Which document is the most similar? Which is the least similar? Do the results make sense based on what you see?

In [113]:
from sklearn.metrics.pairwise import cosine_similarity

# Example new document
s = ["Teenagers take aerial shots of their neighbourhood using digital cameras sitting in old bottles which are launched via kites - a common toy for children living in the favelas.
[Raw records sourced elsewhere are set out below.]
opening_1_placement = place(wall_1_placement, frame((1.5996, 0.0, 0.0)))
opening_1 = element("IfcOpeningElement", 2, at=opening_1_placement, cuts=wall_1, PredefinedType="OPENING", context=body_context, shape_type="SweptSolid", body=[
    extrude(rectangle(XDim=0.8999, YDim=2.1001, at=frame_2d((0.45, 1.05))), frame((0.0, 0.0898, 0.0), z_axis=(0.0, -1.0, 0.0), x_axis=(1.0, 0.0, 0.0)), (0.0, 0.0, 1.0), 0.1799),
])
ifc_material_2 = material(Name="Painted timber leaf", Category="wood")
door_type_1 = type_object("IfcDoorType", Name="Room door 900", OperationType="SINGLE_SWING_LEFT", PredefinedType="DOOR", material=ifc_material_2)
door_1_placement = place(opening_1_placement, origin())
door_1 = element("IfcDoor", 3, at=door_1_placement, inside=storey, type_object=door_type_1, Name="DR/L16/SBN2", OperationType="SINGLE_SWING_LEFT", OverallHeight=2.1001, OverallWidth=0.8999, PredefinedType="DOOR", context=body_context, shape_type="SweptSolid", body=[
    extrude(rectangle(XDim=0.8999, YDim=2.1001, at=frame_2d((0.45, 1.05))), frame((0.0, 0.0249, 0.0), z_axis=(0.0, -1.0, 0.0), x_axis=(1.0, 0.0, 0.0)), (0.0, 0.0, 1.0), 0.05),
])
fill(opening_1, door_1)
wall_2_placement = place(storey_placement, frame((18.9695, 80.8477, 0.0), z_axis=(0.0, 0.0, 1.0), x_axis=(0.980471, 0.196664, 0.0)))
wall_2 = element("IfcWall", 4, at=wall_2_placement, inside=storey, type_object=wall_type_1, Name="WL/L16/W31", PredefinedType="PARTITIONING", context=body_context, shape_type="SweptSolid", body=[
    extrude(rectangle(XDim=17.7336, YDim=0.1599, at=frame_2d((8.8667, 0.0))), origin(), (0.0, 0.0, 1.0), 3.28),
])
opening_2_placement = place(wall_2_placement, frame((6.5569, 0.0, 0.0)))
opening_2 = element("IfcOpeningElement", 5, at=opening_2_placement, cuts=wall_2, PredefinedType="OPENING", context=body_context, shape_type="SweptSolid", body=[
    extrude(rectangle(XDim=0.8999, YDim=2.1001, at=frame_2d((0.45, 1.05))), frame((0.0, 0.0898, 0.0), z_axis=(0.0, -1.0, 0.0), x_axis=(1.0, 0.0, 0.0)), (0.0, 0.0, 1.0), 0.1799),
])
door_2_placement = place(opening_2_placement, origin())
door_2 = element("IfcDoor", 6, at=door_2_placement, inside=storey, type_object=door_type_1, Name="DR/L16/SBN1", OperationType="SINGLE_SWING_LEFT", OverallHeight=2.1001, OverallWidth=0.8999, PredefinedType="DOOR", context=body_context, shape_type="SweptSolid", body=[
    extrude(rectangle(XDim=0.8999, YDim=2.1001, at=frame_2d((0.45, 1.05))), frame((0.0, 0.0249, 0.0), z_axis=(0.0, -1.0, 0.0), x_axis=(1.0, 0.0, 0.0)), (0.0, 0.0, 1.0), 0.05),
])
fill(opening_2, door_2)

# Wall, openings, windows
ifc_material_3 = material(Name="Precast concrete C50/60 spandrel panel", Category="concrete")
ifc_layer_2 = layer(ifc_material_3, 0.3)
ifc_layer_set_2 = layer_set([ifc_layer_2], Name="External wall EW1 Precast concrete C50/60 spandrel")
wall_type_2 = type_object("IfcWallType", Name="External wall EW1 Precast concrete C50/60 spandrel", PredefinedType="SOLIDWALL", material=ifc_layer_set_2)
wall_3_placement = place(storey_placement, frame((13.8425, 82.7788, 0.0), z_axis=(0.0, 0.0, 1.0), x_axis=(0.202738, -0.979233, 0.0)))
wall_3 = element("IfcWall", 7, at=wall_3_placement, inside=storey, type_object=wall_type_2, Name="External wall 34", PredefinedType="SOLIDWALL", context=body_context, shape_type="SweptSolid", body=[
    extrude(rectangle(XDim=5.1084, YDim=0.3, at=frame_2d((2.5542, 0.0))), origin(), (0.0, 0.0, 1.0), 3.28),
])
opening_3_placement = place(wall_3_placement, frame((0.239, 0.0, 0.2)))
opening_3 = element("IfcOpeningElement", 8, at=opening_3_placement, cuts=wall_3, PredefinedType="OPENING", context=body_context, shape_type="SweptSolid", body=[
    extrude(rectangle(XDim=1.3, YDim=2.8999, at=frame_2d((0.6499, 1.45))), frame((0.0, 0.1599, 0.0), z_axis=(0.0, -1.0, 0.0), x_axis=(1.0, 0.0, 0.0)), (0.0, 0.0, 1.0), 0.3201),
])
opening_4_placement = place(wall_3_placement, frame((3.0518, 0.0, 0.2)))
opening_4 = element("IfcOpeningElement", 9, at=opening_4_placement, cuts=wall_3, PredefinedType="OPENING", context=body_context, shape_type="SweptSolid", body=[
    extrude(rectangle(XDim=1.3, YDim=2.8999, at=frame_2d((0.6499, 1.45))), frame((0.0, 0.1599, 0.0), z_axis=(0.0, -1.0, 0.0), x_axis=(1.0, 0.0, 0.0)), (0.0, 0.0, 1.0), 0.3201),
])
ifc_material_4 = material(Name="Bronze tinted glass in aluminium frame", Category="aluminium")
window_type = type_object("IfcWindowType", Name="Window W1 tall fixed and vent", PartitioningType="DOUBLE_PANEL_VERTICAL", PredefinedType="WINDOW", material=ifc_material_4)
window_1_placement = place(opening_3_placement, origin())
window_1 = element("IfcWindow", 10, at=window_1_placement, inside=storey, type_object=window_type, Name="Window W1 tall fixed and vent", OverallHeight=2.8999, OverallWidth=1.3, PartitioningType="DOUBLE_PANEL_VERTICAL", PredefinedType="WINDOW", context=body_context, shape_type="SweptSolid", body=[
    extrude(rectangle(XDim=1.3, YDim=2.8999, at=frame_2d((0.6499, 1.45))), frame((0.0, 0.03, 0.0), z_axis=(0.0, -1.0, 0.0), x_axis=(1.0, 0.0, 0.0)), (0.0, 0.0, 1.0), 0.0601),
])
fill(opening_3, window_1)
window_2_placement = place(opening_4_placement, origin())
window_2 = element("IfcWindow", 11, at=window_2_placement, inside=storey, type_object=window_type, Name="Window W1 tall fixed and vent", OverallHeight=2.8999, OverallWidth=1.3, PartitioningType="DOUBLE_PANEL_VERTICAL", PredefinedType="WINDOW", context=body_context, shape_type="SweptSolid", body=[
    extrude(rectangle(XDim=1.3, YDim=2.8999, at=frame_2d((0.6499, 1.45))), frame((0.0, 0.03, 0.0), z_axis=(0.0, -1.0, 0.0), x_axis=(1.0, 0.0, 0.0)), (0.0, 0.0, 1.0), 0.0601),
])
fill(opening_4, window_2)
They then use GPS-enabled smartphones to take pictures of specific danger points - such as rubbish heaps, which can become a breeding ground for mosquitoes carrying dengue fever."]

new_bow = vectorizer.transform(s)

# Calculate cosine similarities with all documents in the corpus
similarities = cosine_similarity(binary_bow, new_bow)

similarities

array([[0.69565217],
       [0.40482045],
       [0.29192018],
       [0.19658927],
       [0.0521286 ]])

Interpretation: 
1. 5 values - correspond to 5 docs in the 'corpus'. 
2. The 1st row has the highest consie similarity score = 0.69 => row 1 has the most similar tokens to the new paragraph.